5. Supporting Achievement of the UN SDGs

Sensing and measurement techniques provide evidence-based information on the efficacy of NbS that can inform policy development for the achievement of the UN SDGs across communities. For example, urban trees have been shown to have a significant positive impact on air quality as evidenced in Canada and the U.S. through the annual removal of 16,500 and 711,000 metric tonnes of air pollutants, respectively [44][45][46]. Additionally, sensing and measurement have shown that green roofs and walls have a beneficial impact on both air quality and urban heat [31][47][48]. NbS interventions have associated health benefits that include reduced cardiovascular and respiratory mortality; enhanced post-operative healing; and improved health outcomes such as reduced heart and blood pressure rates, improved stress, and immune system response, and amplified parasympathetic nerve activity [49][50][51][52][53][54][55][56]. Such NbS interventions can address socio-environmental challenges, in addition to supporting the achievement of UN SDG 3 (good health and well-being) and UN SDG 11 (sustainable cities and communities).
The spread of infectious diseases has become a growing issue of public health concern. As a result, there is increased awareness of the correlation between the fragmentation of the landscape, disruption of habitat, and proliferation of disease within both animal and human populations [43][57][58][59][60]. NbS interventions are essential to reducing the spread of infectious diseases through the establishment of natural corridors for reservoir populations, and the restoration of wildlife habitat [43]. Within this context, NbS can support UN SDG 11 (sustainable cities and communities) and UN SDG 15 (life on land).
Ensuring clean water access is a global issue. For example, cyanobacteria contamination from eutrophic water bodies can lead to the consumption of and contact with contaminated drinking and recreational water sources. The sensing and measurement of NbS interventions such as riparian buffers and tree-based intercropping have shown that these systems can improve water quality in lakes and rivers [61][62][63]. Tree-based intercropping can also reduce pesticide and fertilizer use within conventional agricultural management that can lead to runoff and eutrophication [62][63]. Sensing and measurement have also shown that green walls can be used for onsite domestic greywater remediation [64]. These examples of NbS can support the achievement of UN SDG 3 (good health and well-being), and UN SDG 6 (clean water and sanitation), in addition to UN SDG 11 (sustainable cities and communities).

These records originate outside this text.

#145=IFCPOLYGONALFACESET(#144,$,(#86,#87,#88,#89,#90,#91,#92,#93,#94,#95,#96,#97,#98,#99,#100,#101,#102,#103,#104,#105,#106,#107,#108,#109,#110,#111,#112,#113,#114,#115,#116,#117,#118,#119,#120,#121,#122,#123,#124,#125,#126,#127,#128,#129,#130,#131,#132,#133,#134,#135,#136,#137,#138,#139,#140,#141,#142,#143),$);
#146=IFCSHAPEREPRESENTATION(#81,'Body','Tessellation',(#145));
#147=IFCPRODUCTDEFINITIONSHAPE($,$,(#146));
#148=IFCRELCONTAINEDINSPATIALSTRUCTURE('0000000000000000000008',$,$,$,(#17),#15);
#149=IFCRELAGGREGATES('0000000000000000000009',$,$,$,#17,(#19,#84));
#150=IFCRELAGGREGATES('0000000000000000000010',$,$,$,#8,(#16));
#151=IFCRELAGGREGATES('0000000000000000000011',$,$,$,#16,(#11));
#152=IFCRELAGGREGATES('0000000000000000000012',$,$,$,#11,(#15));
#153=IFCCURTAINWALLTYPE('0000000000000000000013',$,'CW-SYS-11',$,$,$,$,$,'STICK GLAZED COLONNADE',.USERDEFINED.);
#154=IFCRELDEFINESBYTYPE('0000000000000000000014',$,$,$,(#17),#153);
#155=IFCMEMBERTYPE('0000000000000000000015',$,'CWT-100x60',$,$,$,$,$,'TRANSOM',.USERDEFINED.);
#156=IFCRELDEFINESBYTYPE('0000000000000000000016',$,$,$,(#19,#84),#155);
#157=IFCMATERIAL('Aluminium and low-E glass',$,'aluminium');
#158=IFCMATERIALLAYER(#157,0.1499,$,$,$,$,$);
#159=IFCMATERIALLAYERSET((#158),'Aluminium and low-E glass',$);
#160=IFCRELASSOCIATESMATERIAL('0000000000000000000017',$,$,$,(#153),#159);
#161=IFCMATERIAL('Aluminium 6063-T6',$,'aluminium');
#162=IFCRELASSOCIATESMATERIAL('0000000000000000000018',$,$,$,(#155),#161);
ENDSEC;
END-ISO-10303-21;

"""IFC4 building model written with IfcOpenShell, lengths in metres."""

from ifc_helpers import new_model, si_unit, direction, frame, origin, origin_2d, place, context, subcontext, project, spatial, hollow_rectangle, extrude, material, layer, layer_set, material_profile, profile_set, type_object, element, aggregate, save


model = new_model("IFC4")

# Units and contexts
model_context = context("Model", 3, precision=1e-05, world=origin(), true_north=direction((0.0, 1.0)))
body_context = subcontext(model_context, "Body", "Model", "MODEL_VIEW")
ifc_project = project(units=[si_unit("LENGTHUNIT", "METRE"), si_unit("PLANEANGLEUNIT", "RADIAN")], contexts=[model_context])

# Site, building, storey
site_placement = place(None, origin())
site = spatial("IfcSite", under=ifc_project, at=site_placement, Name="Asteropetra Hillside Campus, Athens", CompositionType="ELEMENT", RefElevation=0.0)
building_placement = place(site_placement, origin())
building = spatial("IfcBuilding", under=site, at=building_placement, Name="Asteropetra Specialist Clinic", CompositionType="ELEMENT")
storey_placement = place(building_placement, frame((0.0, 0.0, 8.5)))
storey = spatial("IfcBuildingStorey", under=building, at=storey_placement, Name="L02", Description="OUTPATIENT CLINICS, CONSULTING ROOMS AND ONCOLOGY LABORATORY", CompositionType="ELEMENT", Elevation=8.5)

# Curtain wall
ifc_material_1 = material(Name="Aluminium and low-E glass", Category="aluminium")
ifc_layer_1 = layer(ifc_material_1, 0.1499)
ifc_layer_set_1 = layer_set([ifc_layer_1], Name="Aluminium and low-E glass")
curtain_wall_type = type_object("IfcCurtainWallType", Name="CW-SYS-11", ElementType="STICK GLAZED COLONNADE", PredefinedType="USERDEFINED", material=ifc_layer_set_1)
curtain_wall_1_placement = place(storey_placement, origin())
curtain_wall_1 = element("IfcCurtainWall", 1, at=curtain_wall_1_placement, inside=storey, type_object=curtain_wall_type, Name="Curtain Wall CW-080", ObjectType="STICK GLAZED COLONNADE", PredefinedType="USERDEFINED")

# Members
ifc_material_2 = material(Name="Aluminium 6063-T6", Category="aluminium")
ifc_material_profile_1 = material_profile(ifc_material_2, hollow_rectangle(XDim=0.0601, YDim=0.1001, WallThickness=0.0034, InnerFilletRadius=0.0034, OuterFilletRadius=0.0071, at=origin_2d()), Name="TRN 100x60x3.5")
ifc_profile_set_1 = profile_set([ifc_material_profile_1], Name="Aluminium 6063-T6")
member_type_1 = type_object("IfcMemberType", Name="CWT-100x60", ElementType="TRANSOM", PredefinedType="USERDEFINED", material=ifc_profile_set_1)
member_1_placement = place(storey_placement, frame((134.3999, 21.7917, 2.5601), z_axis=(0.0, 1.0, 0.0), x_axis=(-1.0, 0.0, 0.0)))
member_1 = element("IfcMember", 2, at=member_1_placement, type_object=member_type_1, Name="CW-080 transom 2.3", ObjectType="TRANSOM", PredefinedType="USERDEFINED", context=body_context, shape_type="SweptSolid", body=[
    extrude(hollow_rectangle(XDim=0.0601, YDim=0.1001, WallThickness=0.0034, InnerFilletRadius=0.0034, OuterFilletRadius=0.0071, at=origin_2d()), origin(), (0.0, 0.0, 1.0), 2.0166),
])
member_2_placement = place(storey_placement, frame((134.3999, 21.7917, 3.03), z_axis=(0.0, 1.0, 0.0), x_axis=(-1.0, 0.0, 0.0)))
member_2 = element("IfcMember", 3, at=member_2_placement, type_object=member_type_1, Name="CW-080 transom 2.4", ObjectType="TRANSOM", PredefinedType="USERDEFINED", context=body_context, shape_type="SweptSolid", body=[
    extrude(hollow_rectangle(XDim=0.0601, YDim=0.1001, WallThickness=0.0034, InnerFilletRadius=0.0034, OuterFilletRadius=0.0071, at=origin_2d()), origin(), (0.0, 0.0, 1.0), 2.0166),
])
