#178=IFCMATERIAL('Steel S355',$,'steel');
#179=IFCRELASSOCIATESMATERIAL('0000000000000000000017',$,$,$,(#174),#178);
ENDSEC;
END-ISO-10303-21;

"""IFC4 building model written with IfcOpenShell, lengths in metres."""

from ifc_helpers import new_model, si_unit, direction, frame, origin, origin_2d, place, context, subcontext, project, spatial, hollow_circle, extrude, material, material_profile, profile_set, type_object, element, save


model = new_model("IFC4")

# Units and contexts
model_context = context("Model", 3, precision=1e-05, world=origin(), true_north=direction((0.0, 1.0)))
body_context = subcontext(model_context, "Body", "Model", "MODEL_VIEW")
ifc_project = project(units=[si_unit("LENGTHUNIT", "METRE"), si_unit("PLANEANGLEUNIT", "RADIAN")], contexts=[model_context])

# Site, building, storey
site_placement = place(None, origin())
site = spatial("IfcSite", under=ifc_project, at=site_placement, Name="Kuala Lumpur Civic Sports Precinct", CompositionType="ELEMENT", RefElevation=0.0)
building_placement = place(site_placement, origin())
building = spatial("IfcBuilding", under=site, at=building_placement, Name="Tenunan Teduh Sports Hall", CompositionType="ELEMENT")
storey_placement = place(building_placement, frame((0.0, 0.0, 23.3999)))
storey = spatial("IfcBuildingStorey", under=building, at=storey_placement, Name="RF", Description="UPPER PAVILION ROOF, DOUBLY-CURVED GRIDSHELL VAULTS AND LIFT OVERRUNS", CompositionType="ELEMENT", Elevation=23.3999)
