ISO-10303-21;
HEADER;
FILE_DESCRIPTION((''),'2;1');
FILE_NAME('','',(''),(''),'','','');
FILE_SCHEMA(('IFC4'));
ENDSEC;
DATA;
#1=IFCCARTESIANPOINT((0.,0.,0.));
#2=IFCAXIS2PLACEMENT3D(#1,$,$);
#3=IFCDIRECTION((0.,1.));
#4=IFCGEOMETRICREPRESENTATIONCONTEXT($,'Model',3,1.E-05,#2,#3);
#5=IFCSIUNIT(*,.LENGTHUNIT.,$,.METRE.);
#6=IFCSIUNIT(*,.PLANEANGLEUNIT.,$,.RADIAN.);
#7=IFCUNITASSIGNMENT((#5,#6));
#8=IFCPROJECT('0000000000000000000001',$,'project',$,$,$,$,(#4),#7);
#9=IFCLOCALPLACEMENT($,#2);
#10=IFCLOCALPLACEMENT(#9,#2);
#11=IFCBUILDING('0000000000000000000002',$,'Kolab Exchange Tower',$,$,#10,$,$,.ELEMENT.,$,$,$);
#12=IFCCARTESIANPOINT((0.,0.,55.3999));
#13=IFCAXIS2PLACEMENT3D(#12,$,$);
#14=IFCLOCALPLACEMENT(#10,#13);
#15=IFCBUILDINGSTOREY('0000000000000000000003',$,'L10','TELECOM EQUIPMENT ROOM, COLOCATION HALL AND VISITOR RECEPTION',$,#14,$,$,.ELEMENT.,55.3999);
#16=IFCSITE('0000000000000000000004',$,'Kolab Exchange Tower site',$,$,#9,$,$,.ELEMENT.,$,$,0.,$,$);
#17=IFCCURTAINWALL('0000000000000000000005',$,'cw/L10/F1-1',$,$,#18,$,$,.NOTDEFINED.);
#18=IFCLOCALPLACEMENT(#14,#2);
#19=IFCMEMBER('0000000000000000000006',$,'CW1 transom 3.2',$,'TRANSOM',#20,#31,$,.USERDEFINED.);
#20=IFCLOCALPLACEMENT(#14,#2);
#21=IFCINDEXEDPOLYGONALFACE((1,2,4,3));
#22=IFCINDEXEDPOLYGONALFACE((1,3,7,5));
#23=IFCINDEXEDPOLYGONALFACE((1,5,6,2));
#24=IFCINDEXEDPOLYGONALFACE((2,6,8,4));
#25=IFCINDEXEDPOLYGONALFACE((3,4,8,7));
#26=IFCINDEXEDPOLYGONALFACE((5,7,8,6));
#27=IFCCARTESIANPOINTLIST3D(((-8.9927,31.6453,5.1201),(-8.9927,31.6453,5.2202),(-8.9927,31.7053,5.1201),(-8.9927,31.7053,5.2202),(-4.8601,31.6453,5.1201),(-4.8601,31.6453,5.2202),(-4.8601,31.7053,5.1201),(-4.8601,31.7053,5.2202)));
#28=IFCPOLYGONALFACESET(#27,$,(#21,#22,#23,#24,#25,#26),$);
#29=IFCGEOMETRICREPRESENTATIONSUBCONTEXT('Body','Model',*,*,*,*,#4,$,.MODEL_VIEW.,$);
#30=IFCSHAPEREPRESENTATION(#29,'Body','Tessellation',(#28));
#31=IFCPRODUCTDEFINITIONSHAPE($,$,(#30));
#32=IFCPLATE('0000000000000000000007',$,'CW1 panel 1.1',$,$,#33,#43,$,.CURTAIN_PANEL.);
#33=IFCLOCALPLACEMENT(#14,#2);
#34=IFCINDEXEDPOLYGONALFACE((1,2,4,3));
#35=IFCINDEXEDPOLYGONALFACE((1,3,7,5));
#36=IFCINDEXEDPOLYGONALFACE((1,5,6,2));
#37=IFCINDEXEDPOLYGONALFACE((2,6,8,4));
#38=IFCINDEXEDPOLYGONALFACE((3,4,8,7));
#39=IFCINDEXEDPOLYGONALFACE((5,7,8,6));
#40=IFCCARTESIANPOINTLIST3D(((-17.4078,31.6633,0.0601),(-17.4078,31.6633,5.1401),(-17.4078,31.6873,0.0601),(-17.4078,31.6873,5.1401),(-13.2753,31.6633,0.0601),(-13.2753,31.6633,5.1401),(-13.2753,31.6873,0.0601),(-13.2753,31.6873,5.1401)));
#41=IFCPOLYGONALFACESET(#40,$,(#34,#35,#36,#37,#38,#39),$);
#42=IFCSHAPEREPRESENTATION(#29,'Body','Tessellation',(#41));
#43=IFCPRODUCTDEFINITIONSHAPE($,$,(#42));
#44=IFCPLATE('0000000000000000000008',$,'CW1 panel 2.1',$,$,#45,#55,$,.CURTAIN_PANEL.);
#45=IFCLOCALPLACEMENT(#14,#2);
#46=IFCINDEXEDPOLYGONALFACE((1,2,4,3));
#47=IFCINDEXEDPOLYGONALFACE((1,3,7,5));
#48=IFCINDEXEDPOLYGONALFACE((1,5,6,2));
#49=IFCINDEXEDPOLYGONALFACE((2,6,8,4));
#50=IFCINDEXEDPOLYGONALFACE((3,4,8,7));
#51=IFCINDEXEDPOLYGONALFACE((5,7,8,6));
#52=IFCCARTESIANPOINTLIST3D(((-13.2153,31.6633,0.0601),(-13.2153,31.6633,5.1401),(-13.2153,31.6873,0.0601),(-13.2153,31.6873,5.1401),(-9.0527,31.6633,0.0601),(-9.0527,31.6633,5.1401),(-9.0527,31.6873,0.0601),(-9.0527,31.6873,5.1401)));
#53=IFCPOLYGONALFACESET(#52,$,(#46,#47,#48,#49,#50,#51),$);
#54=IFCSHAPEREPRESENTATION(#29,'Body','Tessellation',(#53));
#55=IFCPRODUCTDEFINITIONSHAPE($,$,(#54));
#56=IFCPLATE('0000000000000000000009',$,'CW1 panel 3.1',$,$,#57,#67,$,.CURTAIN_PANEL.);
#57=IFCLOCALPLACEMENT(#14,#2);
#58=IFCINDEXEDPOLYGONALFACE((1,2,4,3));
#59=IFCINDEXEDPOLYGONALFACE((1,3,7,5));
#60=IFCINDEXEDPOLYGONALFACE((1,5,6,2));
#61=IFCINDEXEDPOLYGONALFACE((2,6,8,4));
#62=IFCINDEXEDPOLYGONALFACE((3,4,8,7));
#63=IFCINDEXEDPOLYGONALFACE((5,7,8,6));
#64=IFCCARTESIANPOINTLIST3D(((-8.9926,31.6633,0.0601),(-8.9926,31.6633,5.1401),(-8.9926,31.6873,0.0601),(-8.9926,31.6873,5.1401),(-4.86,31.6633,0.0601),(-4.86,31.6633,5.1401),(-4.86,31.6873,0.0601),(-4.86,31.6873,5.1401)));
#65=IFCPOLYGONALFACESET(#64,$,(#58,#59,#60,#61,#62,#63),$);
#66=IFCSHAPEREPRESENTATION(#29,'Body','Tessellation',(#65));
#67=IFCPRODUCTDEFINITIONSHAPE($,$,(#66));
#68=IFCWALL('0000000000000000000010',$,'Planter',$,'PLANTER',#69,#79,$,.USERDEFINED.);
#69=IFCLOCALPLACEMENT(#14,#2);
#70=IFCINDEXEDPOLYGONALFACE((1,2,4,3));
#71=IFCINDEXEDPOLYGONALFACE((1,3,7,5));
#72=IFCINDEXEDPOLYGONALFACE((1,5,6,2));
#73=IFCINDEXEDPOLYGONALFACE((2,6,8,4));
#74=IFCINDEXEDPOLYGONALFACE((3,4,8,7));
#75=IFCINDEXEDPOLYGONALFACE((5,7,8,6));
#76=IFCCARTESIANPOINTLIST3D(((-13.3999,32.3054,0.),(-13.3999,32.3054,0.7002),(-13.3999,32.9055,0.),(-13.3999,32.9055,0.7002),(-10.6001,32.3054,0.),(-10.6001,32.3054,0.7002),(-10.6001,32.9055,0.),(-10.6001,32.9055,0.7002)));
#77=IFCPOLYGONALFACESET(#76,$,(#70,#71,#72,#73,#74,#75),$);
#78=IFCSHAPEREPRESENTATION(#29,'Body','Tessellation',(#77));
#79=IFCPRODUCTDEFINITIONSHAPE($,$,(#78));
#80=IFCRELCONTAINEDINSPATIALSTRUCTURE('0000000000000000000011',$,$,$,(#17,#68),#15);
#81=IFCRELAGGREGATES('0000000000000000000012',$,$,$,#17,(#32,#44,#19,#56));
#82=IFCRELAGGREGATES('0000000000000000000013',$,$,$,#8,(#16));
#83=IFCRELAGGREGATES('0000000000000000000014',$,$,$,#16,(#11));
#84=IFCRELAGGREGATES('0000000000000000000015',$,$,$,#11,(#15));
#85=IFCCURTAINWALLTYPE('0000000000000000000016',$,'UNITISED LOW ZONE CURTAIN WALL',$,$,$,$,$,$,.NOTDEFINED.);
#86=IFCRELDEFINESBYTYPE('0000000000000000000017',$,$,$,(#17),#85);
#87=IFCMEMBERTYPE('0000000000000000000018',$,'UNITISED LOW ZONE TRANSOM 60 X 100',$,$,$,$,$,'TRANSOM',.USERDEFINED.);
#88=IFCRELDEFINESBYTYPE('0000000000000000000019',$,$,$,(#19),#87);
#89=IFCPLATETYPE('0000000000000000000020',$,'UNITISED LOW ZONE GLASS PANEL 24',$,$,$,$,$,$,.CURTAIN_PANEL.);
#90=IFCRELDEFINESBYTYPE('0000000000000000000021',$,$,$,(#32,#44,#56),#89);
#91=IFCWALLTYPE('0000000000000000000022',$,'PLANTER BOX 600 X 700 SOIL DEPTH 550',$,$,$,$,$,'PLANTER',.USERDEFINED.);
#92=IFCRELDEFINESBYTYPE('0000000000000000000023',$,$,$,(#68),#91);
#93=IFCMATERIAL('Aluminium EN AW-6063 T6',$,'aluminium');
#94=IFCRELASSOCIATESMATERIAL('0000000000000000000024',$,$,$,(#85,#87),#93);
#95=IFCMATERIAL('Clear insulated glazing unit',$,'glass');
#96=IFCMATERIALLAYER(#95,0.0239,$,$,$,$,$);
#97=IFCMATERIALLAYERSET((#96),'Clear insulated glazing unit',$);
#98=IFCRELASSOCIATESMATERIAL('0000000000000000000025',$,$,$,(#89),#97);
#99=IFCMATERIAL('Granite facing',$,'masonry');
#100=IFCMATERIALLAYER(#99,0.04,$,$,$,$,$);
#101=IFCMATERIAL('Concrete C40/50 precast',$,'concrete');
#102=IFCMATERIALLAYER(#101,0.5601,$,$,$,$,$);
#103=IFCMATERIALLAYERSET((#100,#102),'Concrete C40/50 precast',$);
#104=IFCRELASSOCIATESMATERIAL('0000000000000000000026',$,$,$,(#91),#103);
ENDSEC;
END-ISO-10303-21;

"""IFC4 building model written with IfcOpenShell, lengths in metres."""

from ifc_helpers import new_model, si_unit, direction, frame, frame_2d, origin, origin_2d, place, context, subcontext, project, spatial, rectangle, extrude, material, layer, layer_set, material_profile, profile_set, type_object, element, aggregate, save


model = new_model("IFC4")

# Units and contexts
model_context = context("Model", 3, precision=1e-05, world=origin(), true_north=direction((0.0, 1.0)))
body_context = subcontext(model_context, "Body", "Model", "MODEL_VIEW")
ifc_project = project(units=[si_unit("LENGTHUNIT", "METRE"), si_unit("PLANEANGLEUNIT", "RADIAN")], contexts=[model_context])

# Site, building, storey
site_placement = place(None, origin())
site = spatial("IfcSite", under=ifc_project, at=site_placement, Name="Kolab Exchange Tower site", CompositionType="ELEMENT", RefElevation=0.0)
building_placement = place(site_placement, origin())
building = spatial("IfcBuilding", under=site, at=building_placement, Name="Kolab Exchange Tower", CompositionType="ELEMENT")
storey_placement = place(building_placement, frame((0.0, 0.0, 55.3999)))
storey = spatial("IfcBuildingStorey", under=building, at=storey_placement, Name="L10", Description="TELECOM EQUIPMENT ROOM, COLOCATION HALL AND VISITOR RECEPTION", CompositionType="ELEMENT", Elevation=55.3999)

# Curtain wall, member, plates
ifc_material_1 = material(Name="Aluminium EN AW-6063 T6", Category="aluminium")
curtain_wall_type = type_object("IfcCurtainWallType", Name="UNITISED LOW ZONE CURTAIN WALL", PredefinedType="NOTDEFINED", material=ifc_material_1)
curtain_wall_placement = place(storey_placement, origin())
curtain_wall = element("IfcCurtainWall", 1, at=curtain_wall_placement, inside=storey, type_object=curtain_wall_type, Name="cw/L10/F1-1", PredefinedType="NOTDEFINED")
ifc_material_profile_1 = material_profile(ifc_material_1, rectangle(XDim=0.0601, YDim=0.1001, at=origin_2d()), Name="RECT 60X100")
ifc_profile_set_1 = profile_set([ifc_material_profile_1], Name="Aluminium EN AW-6063 T6")
member_type_1 = type_object("IfcMemberType", Name="UNITISED LOW ZONE TRANSOM 60 X 100", ElementType="TRANSOM", PredefinedType="USERDEFINED", material=ifc_profile_set_1)
member_1_placement = place(storey_placement, frame((-8.9927, 31.6753, 5.1702), z_axis=(1.0, 0.0, 0.0), x_axis=(0.0, 1.0, 0.0)))
member_1 = element("IfcMember", 2, at=member_1_placement, type_object=member_type_1, Name="CW1 transom 3.2", ObjectType="TRANSOM", PredefinedType="USERDEFINED", context=body_context, shape_type="SweptSolid", body=[
    extrude(rectangle(XDim=0.0601, YDim=0.1001, at=origin_2d()), origin(), (0.0, 0.0, 1.0), 4.1326),
])
ifc_material_2 = material(Name="Clear insulated glazing unit", Category="glass")
ifc_layer_1 = layer(ifc_material_2, 0.0239)
ifc_layer_set_1 = layer_set([ifc_layer_1], Name="Clear insulated glazing unit")
plate_type = type_object("IfcPlateType", Name="UNITISED LOW ZONE GLASS PANEL 24", PredefinedType="CURTAIN_PANEL", material=ifc_layer_set_1)
plate_1_placement = place(storey_placement, frame((-15.3416, 31.6753, 0.0601), z_axis=(0.0, 0.0, 1.0), x_axis=(1.0, 0.0, 0.0)))
plate_1 = element("IfcPlate", 3, at=plate_1_placement, type_object=plate_type, Name="CW1 panel 1.1", PredefinedType="CURTAIN_PANEL", context=body_context, shape_type="SweptSolid", body=[
    extrude(rectangle(XDim=4.1326, YDim=0.0239, at=origin_2d()), origin(), (0.0, 0.0, 1.0), 5.0801),
])
plate_2_placement = place(storey_placement, frame((-11.134, 31.6753, 0.0601), z_axis=(0.0, 0.0, 1.0), x_axis=(1.0, 0.0, 0.0)))
plate_2 = element("IfcPlate", 4, at=plate_2_placement, type_object=plate_type, Name="CW1 panel 2.1", PredefinedType="CURTAIN_PANEL", context=body_context, shape_type="SweptSolid", body=[
    extrude(rectangle(XDim=4.1626, YDim=0.0239, at=origin_2d()), origin(), (0.0, 0.0, 1.0), 5.0801),
])
plate_3_placement = place(storey_placement, frame((-6.9263, 31.6753, 0.0601), z_axis=(0.0, 0.0, 1.0), x_axis=(1.0, 0.0, 0.0)))
plate_3 = element("IfcPlate", 5, at=plate_3_placement, type_object=plate_type, Name="CW1 panel 3.1", PredefinedType="CURTAIN_PANEL", context=body_context, shape_type="SweptSolid", body=[
    extrude(rectangle(XDim=4.1326, YDim=0.0239, at=origin_2d()), origin(), (0.0, 0.0, 1.0), 5.0801),
])
aggregate(curtain_wall, [plate_1, plate_2, member_1, plate_3])

# Wall
ifc_material_3 = material(Name="Granite facing", Category="masonry")
ifc_layer_2 = layer(ifc_material_3, 0.04)
ifc_material_4 = material(Name="Concrete C40/50 precast", Category="concrete")
ifc_layer_3 = layer(ifc_material_4, 0.5601)
ifc_layer_set_2 = layer_set([ifc_layer_2, ifc_layer_3], Name="Concrete C40/50 precast")
wall_type_1 = type_object("IfcWallType", Name="PLANTER BOX 600 X 700 SOIL DEPTH 550", ElementType="PLANTER", PredefinedType="USERDEFINED", material=ifc_layer_set_2)
wall_1_placement = place(storey_placement, frame((-13.3999, 32.6055, 0.0), z_axis=(0.0, 0.0, 1.0), x_axis=(1.0, 0.0, 0.0)))
element("IfcWall", 6, at=wall_1_placement, inside=storey, type_object=wall_type_1, Name="Planter", ObjectType="PLANTER", PredefinedType="USERDEFINED", context=body_context, shape_type="SweptSolid", body=[
    extrude(rectangle(XDim=2.7998, YDim=0.6001, at=frame_2d((1.3999, 0.0))), origin(), (0.0, 0.0, 1.0), 0.7002),
])

save(model, "model.ifc")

6. NbS Policy Implications

To facilitate widespread NbS implementation for sustainable development, quantifiable evidence for NbS efficacy is essential. Currently, existing evidence is scattered across physical, biological, and social science domains and is not readily accessible to policy makers [65]. Although various policy instruments mention NbS, they lack quantitative and measurable targets relating to NbS deployment [66]. Further, the upscaling of NbS interventions needs to be prioritized within environmental policies. While NbS deployment at the site level provides important benefits, landscape level implementation supports regenerative change. The sensing and measurement of the multifunctional benefits of NbS provides robust scientific evidence to support the adoption of NbS as a standard intervention within environmental policies.
In South Asia, specific frameworks for NbS implementation are lacking especially in India, Bangladesh and Nepal [67] although, there is an exhaustive list of national policies and guidelines that support NbS implementation writ large (e.g., The Indian Forest Act, 1927; The Wildlife (Protection) Act (WPA), 1972; The Environment (Protection) Act, 1986; The Forest Act, 1927; Bangladesh Environment Conservation Act, 1995; Bangladesh Climate Change Strategy and Action Plan (BCCSAP), 2009; Soil and Watershed Conservation Act, 1982; Agrobiodiversity Policy, 2007). Cities across the globe need to look at various means by which NbS are incorporated for augmenting the benefits that NbS offer. For example, in Canada, the City of Toronto has mandated green roofs in residential and commercial buildings [68]. Model Building By-Laws, 2016, in India encourage adoption of rainwater harvesting (RWH), with all buildings having a plot size of 100 sq m mandating rainwater harvesting in Indian cities (e.g., New Delhi) [69]. Apart from this, there exist separate legislations pertaining to RWH for different states and union territories in India [70].
In Canada, environmental policy for NbS implementation is not integrated, although there are broad associations between NbS and national climate policy. For example, Canada’s ‘Healthy Environment and a Healthy Economy’ plan recognizes that NbS are a key climate change intervention [71]. The Intergovernmental Panel on Climate Change (IPCC) has also emphasised the importance of NbS interventions in transforming the built environment and providing urban carbon sinks, while the European Union promotes NbS interventions to protect biodiversity and expand natural ecosystem services [72][73][74]. In the United States, NbS interventions are narrowly defined as an effective tool for stormwater management in the Clean Water Act [75].
While NbS are recognised as an important tool, evaluation through sensing and measurement is crucial to the development of NbS policies that effectively address societal and environmental challenges such as climate change. For example, sensing and measurement were used to support the sustainable water management objectives of the EU Water Reuse Directive, when green walls in urban settings were tested for an 18-month period by Pucher et al. [76] to monitor the effectiveness of using greywater instead of fresh water for irrigation. According to Katsou et al. [77] four main steps emerge in NbS implementation that include (i) planning, (ii) design, (iii) assessment and (iv) communication of results. The NbS assessment phase includes process performance monitoring (sensors, instrumentation, automation, and control) and the measurement or assessment of impacts.
The importance of quantitative NbS evaluation is becoming more apparent in policy development. For example, the European Commission published a handbook for practitioners on evaluating the impact of NbS that includes methods for evaluation [78][79]. These methods rely on sensing and measurement techniques as important tools for evaluating the efficacy of NbS projects to support resilience planning for cities.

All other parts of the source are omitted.